After months of urging (I'm being polite, in deference to The Bard), I took it upon myself to re arrange the two side by side twin beds into a single high twin, with a trundle beneath. I had been putting it off for some time, but the other day I walked up behind the wife while she was on her computer, and she was looking at Ikea.com! Argh! So I invested a bit of drilling and joining and hammering and cursing, and at length brought forth a new sleeping arrangement for thing 2 and thing 1. And there was much rejoicing.

However, Now begins act two of my little presentation. This new permutation of furniture had the unintended side effect of renewing the dreaded "I don't like the color-ITIS" plague from which my wife suffers, (although not as much as I suffer from it). And so we open the second act with renewed "urging" to do something about the unremittingly ugly medium brown stain of the previously mentioned furnishings. As it is summer and school is out of session, and I am (for my sins) doomed to work from home, the "urging" was pretty much ceaseless, and eventually even one of such iron constitution as your narrator was unable to withstand. It is much like being nibbled to death by a herd of ducks, as I understand it. I distinctly recall hearing in my head, as still, small voice speak that most dread of incantations, "How bad can it be?" And Lo, the gods of paint and varnish heard me, even though I had not spoken the words aloud, and were angered.

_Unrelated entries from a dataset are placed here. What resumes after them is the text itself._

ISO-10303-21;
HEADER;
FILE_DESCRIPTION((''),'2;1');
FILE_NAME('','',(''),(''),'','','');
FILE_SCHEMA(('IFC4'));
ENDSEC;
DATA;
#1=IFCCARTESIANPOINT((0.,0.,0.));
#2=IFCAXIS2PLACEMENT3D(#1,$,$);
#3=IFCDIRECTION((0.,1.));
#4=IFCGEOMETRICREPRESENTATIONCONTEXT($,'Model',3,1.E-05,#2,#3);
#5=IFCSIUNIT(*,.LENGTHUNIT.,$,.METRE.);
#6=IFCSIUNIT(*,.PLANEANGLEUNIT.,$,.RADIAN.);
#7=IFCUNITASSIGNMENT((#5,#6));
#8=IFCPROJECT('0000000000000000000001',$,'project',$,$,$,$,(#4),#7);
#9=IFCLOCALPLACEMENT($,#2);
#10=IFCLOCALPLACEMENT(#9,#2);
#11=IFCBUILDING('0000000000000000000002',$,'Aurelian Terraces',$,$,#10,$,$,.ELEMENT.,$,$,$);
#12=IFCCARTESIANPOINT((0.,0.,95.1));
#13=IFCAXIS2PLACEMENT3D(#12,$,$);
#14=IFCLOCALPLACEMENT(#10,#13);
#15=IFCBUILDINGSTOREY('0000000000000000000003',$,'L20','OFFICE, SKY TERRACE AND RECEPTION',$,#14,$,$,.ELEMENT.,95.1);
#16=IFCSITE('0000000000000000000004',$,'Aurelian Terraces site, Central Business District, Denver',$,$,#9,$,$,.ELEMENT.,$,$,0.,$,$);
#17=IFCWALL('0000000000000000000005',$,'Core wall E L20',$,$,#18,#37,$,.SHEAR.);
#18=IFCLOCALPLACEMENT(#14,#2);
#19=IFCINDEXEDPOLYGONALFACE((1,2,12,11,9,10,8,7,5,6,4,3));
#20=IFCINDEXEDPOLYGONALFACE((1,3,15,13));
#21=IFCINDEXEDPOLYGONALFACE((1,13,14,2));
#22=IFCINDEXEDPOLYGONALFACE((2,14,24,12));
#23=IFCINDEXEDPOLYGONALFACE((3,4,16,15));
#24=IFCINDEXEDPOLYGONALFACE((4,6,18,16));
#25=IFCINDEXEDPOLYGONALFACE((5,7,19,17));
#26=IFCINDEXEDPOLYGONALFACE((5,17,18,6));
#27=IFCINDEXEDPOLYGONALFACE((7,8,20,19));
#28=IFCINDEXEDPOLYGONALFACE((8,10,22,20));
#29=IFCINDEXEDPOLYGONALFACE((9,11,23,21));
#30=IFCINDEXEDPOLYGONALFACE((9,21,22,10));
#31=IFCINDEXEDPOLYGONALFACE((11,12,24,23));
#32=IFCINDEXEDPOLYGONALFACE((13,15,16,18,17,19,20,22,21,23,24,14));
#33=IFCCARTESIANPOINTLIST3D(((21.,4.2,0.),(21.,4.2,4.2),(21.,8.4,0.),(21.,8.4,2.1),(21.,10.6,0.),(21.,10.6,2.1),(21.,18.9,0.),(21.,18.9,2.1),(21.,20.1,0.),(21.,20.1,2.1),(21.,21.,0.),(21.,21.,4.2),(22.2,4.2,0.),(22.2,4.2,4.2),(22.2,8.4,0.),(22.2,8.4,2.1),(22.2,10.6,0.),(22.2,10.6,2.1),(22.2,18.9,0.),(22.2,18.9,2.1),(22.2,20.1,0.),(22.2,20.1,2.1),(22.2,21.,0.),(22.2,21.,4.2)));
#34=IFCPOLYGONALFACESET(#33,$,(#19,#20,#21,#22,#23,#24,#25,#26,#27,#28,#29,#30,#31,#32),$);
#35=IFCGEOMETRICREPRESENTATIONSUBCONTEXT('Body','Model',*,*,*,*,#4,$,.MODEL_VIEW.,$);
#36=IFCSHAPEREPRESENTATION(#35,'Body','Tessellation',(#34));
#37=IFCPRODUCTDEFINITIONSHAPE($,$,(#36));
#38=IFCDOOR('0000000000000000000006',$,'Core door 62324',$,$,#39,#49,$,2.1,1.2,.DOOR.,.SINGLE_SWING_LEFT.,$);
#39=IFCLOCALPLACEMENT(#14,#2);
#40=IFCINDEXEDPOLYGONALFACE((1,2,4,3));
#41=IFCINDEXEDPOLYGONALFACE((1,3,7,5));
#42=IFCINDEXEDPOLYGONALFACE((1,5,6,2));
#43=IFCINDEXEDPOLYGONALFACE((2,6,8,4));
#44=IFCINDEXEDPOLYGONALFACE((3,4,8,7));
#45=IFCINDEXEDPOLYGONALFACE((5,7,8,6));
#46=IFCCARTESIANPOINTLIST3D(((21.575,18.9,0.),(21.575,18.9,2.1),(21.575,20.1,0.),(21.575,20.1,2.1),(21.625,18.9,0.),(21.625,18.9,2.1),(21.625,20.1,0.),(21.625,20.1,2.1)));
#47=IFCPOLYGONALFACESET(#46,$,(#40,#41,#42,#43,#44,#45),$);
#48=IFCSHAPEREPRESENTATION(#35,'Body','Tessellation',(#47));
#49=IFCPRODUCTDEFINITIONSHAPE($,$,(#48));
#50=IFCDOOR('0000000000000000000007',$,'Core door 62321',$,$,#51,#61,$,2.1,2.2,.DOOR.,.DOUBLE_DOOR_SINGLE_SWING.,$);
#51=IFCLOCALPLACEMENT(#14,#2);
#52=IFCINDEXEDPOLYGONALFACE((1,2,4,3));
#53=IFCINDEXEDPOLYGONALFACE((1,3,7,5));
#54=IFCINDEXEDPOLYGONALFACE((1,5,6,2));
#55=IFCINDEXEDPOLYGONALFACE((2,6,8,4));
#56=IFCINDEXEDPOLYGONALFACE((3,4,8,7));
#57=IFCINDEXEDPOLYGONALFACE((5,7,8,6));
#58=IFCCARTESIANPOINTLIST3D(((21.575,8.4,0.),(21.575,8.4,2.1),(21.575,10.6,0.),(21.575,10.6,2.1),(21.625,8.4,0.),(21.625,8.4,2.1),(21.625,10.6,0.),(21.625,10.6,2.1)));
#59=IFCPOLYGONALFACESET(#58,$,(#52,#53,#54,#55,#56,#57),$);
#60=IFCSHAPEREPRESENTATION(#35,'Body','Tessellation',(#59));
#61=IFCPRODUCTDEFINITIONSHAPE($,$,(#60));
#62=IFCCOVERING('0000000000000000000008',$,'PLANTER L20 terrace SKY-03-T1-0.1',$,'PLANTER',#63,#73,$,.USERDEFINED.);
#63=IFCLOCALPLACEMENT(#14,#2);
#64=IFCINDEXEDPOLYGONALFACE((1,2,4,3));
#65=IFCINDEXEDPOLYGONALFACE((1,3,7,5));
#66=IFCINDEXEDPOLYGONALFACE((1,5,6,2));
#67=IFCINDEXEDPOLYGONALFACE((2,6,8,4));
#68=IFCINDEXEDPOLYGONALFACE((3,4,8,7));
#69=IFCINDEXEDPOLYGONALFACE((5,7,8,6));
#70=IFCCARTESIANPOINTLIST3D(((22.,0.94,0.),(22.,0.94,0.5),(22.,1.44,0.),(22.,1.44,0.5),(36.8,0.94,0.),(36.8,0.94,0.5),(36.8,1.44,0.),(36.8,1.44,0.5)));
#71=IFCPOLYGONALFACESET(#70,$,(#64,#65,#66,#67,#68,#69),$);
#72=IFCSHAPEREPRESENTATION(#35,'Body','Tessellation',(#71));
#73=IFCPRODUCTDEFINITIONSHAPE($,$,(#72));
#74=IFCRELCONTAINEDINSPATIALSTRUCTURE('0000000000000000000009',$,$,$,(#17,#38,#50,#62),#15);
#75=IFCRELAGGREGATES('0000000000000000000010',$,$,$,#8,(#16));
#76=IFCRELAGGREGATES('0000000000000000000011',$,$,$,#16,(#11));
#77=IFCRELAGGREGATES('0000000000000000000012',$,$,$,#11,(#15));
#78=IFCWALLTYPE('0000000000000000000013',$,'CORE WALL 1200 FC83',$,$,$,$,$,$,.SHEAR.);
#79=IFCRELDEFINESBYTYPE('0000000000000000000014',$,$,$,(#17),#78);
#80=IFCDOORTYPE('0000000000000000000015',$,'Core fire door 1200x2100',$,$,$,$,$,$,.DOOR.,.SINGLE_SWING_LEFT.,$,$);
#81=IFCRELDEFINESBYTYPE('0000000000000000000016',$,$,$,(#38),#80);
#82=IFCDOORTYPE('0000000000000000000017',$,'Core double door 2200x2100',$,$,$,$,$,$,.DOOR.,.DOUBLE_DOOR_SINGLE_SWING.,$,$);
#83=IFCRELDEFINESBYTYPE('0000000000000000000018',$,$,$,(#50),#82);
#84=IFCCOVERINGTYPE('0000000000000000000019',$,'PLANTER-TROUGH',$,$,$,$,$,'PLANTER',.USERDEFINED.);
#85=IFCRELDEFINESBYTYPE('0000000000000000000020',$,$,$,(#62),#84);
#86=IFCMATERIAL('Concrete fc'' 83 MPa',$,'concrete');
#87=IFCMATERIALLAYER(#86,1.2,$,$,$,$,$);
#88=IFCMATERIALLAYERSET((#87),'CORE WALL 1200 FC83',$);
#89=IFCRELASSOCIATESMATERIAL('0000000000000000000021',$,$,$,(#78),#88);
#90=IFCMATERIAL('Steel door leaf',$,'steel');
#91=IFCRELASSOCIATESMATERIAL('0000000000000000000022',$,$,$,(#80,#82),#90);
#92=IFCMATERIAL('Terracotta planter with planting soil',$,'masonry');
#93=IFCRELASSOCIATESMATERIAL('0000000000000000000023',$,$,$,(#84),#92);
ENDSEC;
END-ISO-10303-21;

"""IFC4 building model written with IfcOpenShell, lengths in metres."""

from ifc_helpers import new_model, si_unit, direction, frame, frame_2d, origin, origin_2d, place, context, subcontext, project, spatial, rectangle, extrude, source, transform, mapped, material, layer, layer_set, type_object, element, fill, save


model = new_model("IFC4")

# Units and contexts
model_context = context("Model", 3, precision=1e-05, world=origin(), true_north=direction((0.0, 1.0)))
body_context = subcontext(model_context, "Body", "Model", "MODEL_VIEW")
ifc_project = project(units=[si_unit("LENGTHUNIT", "METRE"), si_unit("PLANEANGLEUNIT", "RADIAN")], contexts=[model_context])

# Site, building, storey
site_placement = place(None, origin())
site = spatial("IfcSite", under=ifc_project, at=site_placement, Name="Aurelian Terraces site, Central Business District, Denver", CompositionType="ELEMENT", RefElevation=0.0)
building_placement = place(site_placement, origin())
building = spatial("IfcBuilding", under=site, at=building_placement, Name="Aurelian Terraces", CompositionType="ELEMENT")
storey_placement = place(building_placement, frame((0.0, 0.0, 95.1)))
storey = spatial("IfcBuildingStorey", under=building, at=storey_placement, Name="L20", Description="OFFICE, SKY TERRACE AND RECEPTION", CompositionType="ELEMENT", Elevation=95.1)

# Wall, openings, doors
ifc_material_1 = material(Name="Concrete fc' 83 MPa", Category="concrete")
ifc_layer = layer(ifc_material_1, 1.2)
ifc_layer_set = layer_set([ifc_layer], Name="CORE WALL 1200 FC83")
wall_type = type_object("IfcWallType", Name="CORE WALL 1200 FC83", PredefinedType="SHEAR", material=ifc_layer_set)
shared_shape_1 = source(origin(), body_context, "Body", "SweptSolid", [
    extrude(rectangle(XDim=16.8, YDim=1.2, at=frame_2d((8.4, 0.0))), origin(), (0.0, 0.0, 1.0), 4.2),
])
wall_placement = place(storey_placement, frame((21.6, 4.2, 0.0), z_axis=(0.0, 0.0, 1.0), x_axis=(0.0, 1.0, 0.0)))
wall = element("IfcWall", 1, at=wall_placement, inside=storey, type_object=wall_type, Name="Core wall E L20", PredefinedType="SHEAR", context=body_context, shape_type="MappedRepresentation", body=[
    mapped(shared_shape_1, transform((0.0, 0.0, 0.0), scale=1.0)),
])
shared_shape_2 = source(origin(), body_context, "Body", "SweptSolid", [
    extrude(rectangle(XDim=2.2, YDim=2.1, at=frame_2d((1.1, 1.05))), frame((0.0, 0.61, 0.0), z_axis=(0.0, -1.0, 0.0), x_axis=(1.0, 0.0, 0.0)), (0.0, 0.0, 1.0), 1.22),
])
opening_1_placement = place(wall_placement, frame((4.2, 0.0, 0.0)))
opening_1 = element("IfcOpeningElement", 2, at=opening_1_placement, cuts=wall, PredefinedType="OPENING", context=body_context, shape_type="MappedRepresentation", body=[
    mapped(shared_shape_2, transform((0.0, 0.0, 0.0), scale=1.0)),
])
shared_shape_3 = source(origin(), body_context, "Body", "SweptSolid", [
    extrude(rectangle(XDim=1.2, YDim=2.1, at=frame_2d((0.6, 1.05))), frame((0.0, 0.61, 0.0), z_axis=(0.0, -1.0, 0.0), x_axis=(1.0, 0.0, 0.0)), (0.0, 0.0, 1.0), 1.22),
])
opening_2_placement = place(wall_placement, frame((14.7, 0.0, 0.0)))
opening_2 = element("IfcOpeningElement", 3, at=opening_2_placement, cuts=wall, PredefinedType="OPENING", context=body_context, shape_type="MappedRepresentation", body=[
    mapped(shared_shape_3, transform((0.0, 0.0, 0.0), scale=1.0)),
])
ifc_material_2 = material(Name="Steel door leaf", Category="steel")
door_type_1 = type_object("IfcDoorType", Name="Core fire door 1200x2100", OperationType="SINGLE_SWING_LEFT", PredefinedType="DOOR", material=ifc_material_2)
shared_shape_4 = source(origin(), body_context, "Body", "SweptSolid", [
    extrude(rectangle(XDim=1.2, YDim=2.1, at=frame_2d((0.6, 1.05))), frame((0.0, 0.025, 0.0), z_axis=(0.0, -1.0, 0.0), x_axis=(1.0, 0.0, 0.0)), (0.0, 0.0, 1.0), 0.05),
])
door_1_placement = place(opening_2_placement, origin())
door_1 = element("IfcDoor", 4, at=door_1_placement, inside=storey, type_object=door_type_1, Name="Core door 62324", OperationType="SINGLE_SWING_LEFT", OverallHeight=2.1, OverallWidth=1.2, PredefinedType="DOOR", context=body_context, shape_type="MappedRepresentation", body=[
    mapped(shared_shape_4, transform((0.0, 0.0, 0.0), scale=1.0)),
])
fill(opening_2, door_1)
door_type_2 = type_object("IfcDoorType", Name="Core double door 2200x2100", OperationType="DOUBLE_DOOR_SINGLE_SWING", PredefinedType="DOOR", material=ifc_material_2)
shared_shape_5 = source(origin(), body_context, "Body", "SweptSolid", [
    extrude(rectangle(XDim=2.2, YDim=2.1, at=frame_2d((1.1, 1.05))), frame((0.0, 0.025, 0.0), z_axis=(0.0, -1.0, 0.0), x_axis=(1.0, 0.0, 0.0)), (0.0, 0.0, 1.0), 0.05),
])
door_2_placement = place(opening_1_placement, origin())
door_2 = element("IfcDoor", 5, at=door_2_placement, inside=storey, type_object=door_type_2, Name="Core door 62321", OperationType="DOUBLE_DOOR_SINGLE_SWING", OverallHeight=2.1, OverallWidth=2.2, PredefinedType="DOOR", context=body_context, shape_type="MappedRepresentation", body=[
    mapped(shared_shape_5, transform((0.0, 0.0, 0.0), scale=1.0)),
])
fill(opening_1, door_2)

# Covering
ifc_material_3 = material(Name="Terracotta planter with planting soil", Category="masonry")
covering_type = type_object("IfcCoveringType", Name="PLANTER-TROUGH", ElementType="PLANTER", PredefinedType="USERDEFINED", material=ifc_material_3)
shared_shape_6 = source(origin(), body_context, "Body", "SweptSolid", [
    extrude(rectangle(XDim=14.8, YDim=0.5, at=origin_2d()), origin(), (0.0, 0.0, 1.0), 0.5),
])
covering_1_placement = place(storey_placement, frame((29.4, 1.19, 0.0), z_axis=(0.0, 0.0, 1.0), x_axis=(1.0, 0.0, 0.0)))
element("IfcCovering", 6, at=covering_1_placement, inside=storey, type_object=covering_type, Name="PLANTER L20 terrace SKY-03-T1-0.1", ObjectType="PLANTER", PredefinedType="USERDEFINED", context=body_context, shape_type="MappedRepresentation", body=[
    mapped(shared_shape_6, transform((0.0, 0.0, 0.0), scale=1.0)),
])

save(model, "model.ifc")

And so we watch as our defeated protagonist is dragged off to the big box store in search of a gallon of gloss latex and assorted accouterments. Later, duly equipped with the requisite pigmentation agent, in a particularly unsavory shade of slate blue, oddly reminiscent of a tour of a United States Air Force Brig, the selection of the first piece of furniture is undertaken. Striving to limit the damage in the initial stages, the first victim is chosen to be a relatively small wooden ladder, once used to reach the second level sleeping surface when configured as a bunk bed (or to tie things to the ceiling fan if the parents are not watching closely enough) This, being an experimental piece, is to be done by yours truly with "aid and assistance" from the spousal unit. And, as it sometimes happens, the job was accomplished with relatively little unpleasantness, over my lunch break.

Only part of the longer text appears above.